NAJ President Edwards-Henry explained on Friday that valiant efforts were made to relocate White-Best to a Type-A facility after she fell ill two weeks ago and was admitted at Percy Junor. At least three hospitals said they could not accommodate her before UHWI yielded.
The predicament the fallen nurse faced prompted a call for arrangements for healthcare workers caught in the COVID-19 onslaught.
“I don’t want to say priority must be given to us, because everybody is important and all lives matter. But there needs to be systems in place to care for the carer. Who cares for the carer?” Edwards-Henry queried.
She continued, “In other jurisdictions and organisations, there are systems in place to facilitate those who work in the system. There are no systems in place for the healthcare worker here. When that worker goes into the healthcare setting, that person is treated like everybody else. So I do believe that there needs to be something in place where a healthcare worker – a nurse, doctor, whomever – gets some level of attention. You work in the system, the system should work for you.”
At a press conference last week, Health Minister Dr Christopher Tufton sent condolences to the family and hailed White-Best’s and her colleagues’ valiant efforts on the coronavirus frontline.
This is even as his ministry reports a less than satisfactory COVID-19 vaccine take-up among healthcare workers of 65 per cent for the first dosage, and just over 40 per cent for those who have come for their second dose. It was not immediately clear the disaggregation of the percentages.

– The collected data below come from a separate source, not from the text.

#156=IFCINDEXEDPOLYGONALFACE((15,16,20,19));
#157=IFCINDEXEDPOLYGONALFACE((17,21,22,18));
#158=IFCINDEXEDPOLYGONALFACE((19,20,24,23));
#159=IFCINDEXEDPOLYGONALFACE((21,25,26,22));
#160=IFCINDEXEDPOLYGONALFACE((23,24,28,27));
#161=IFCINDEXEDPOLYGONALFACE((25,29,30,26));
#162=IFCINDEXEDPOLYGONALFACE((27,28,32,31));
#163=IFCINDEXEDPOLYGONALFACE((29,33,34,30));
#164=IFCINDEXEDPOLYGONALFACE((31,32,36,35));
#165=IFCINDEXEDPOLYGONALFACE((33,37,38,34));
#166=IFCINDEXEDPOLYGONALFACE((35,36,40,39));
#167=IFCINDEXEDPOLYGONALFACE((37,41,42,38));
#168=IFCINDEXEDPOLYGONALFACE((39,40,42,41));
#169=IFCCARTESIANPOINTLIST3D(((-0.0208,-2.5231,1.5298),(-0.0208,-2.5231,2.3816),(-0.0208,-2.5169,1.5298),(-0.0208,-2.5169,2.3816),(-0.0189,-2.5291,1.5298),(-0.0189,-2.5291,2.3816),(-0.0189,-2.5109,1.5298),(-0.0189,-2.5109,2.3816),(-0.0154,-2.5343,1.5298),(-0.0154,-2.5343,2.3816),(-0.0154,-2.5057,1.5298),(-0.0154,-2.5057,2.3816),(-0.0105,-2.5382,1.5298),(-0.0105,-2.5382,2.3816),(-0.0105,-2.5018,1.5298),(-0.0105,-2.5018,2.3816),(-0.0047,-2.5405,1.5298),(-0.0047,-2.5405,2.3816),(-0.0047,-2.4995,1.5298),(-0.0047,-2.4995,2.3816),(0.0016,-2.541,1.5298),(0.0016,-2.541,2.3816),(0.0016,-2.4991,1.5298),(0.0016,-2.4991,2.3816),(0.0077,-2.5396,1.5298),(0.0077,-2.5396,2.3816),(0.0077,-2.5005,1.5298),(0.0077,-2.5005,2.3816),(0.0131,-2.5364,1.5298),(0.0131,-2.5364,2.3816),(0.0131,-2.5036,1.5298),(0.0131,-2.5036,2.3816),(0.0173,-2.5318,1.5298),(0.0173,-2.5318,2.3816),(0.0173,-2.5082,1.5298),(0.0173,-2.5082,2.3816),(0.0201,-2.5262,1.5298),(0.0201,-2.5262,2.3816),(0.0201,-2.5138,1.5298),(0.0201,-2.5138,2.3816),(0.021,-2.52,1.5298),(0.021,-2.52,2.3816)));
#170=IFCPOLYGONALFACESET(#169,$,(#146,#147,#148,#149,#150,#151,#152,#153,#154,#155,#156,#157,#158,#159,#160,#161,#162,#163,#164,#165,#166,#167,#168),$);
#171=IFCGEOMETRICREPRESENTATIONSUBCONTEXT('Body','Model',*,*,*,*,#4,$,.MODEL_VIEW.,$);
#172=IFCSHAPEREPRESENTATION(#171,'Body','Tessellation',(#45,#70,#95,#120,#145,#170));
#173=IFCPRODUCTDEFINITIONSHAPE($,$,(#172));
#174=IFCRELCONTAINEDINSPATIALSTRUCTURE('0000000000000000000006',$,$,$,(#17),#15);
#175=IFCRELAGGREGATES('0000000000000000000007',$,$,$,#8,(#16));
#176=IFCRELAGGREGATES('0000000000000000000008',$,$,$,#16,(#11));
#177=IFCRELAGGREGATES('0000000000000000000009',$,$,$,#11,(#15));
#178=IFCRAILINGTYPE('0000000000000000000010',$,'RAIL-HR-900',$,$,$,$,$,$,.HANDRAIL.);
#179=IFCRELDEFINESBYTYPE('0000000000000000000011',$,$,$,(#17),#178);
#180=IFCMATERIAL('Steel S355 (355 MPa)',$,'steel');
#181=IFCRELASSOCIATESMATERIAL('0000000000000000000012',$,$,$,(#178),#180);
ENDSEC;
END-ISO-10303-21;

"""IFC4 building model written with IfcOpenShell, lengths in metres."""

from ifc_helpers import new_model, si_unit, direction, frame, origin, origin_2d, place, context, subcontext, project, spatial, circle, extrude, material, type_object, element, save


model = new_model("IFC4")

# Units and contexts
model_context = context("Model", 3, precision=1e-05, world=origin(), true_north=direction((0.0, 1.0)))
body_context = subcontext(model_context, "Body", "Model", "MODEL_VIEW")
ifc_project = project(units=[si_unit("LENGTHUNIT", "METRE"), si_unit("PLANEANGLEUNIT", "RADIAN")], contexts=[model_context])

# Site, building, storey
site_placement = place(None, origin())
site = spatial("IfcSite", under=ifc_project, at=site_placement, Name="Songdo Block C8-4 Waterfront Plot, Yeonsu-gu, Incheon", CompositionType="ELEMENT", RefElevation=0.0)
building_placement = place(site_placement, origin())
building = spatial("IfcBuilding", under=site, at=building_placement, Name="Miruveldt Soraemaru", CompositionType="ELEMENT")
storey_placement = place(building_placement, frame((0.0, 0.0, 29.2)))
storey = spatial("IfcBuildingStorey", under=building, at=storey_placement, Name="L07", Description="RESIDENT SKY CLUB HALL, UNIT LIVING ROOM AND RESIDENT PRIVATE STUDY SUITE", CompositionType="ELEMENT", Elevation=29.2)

On the weekend, Tufton posted photos of inside a COVID-19 ward with the caption: “Here is a Jamaica COVID-19 ward reality. Patients are monitored using cameras. 26 patients on one ward with two nurses. From you enter, you cannot see anyone on the outside. You can’t bathe. You can’t go to the bathroom. Get vaccinated and avoid this.”
“Another reality, people DIE! And this is how you are wheeled to the morgue,” read another caption under a photo of two porters pushing a trolley with what appears to be a covered-over corpse.
After coming under fire for the postings, yesterday the health minister defended it, saying “It’s important that the COVID conversation process involves full disclosure around the virus and its effects and impact. Both from prevention to treatment. Also, the myths and realities.
“Taking the camera into the isolation wards exposes part of the reality of COVID’s devastating impact on people. I think Jamaicans need to see this, as controversial as it might be. Hopefully persons become more informed and take better precaution to protect themselves.”
While urging all healthcare workers to take the vaccine, as she did, “as a leader” who also has sick relatives at home, Edwards-Henry explained that there may be several reasons for hesitancy among nurses – one of them is fear.
“A lot of our nurses have comorbidities. Some nurses are waiting to be cleared by their physicians. You have others who are afraid of needles, just like the general population and are waiting, hoping that the one-dose will come. And you have others who generally don’t trust the vaccination process, mostly out of fear of the unknown,” the NAJ president explained, noting that many nurses become temporarily ill after taking the jab.
Still it is imperative that all nurses, like all Jamaicans, get on board, she said.
“Persons need to just look at what is happening. We have more than 500 new cases today and we have 13 deaths, there is nowhere in the hospital to put people. It doesn’t make sense we try to fool ourselves. The Government say they are going to build field hospitals, but there is nobody to care for these people,” she stressed.
Jamaica now has 8,225 total active COVID-19 cases from 57,289 overall confirmed cases. With a positivity rate of 38.5 per cent, so far 1,285 Jamaicans have died from the virus.
On Friday, the health ministry reported that the island’s vaccination numbers were at 393,863. Of that number, 258,466 were first doses, 134,462 second doses and 935 single doses.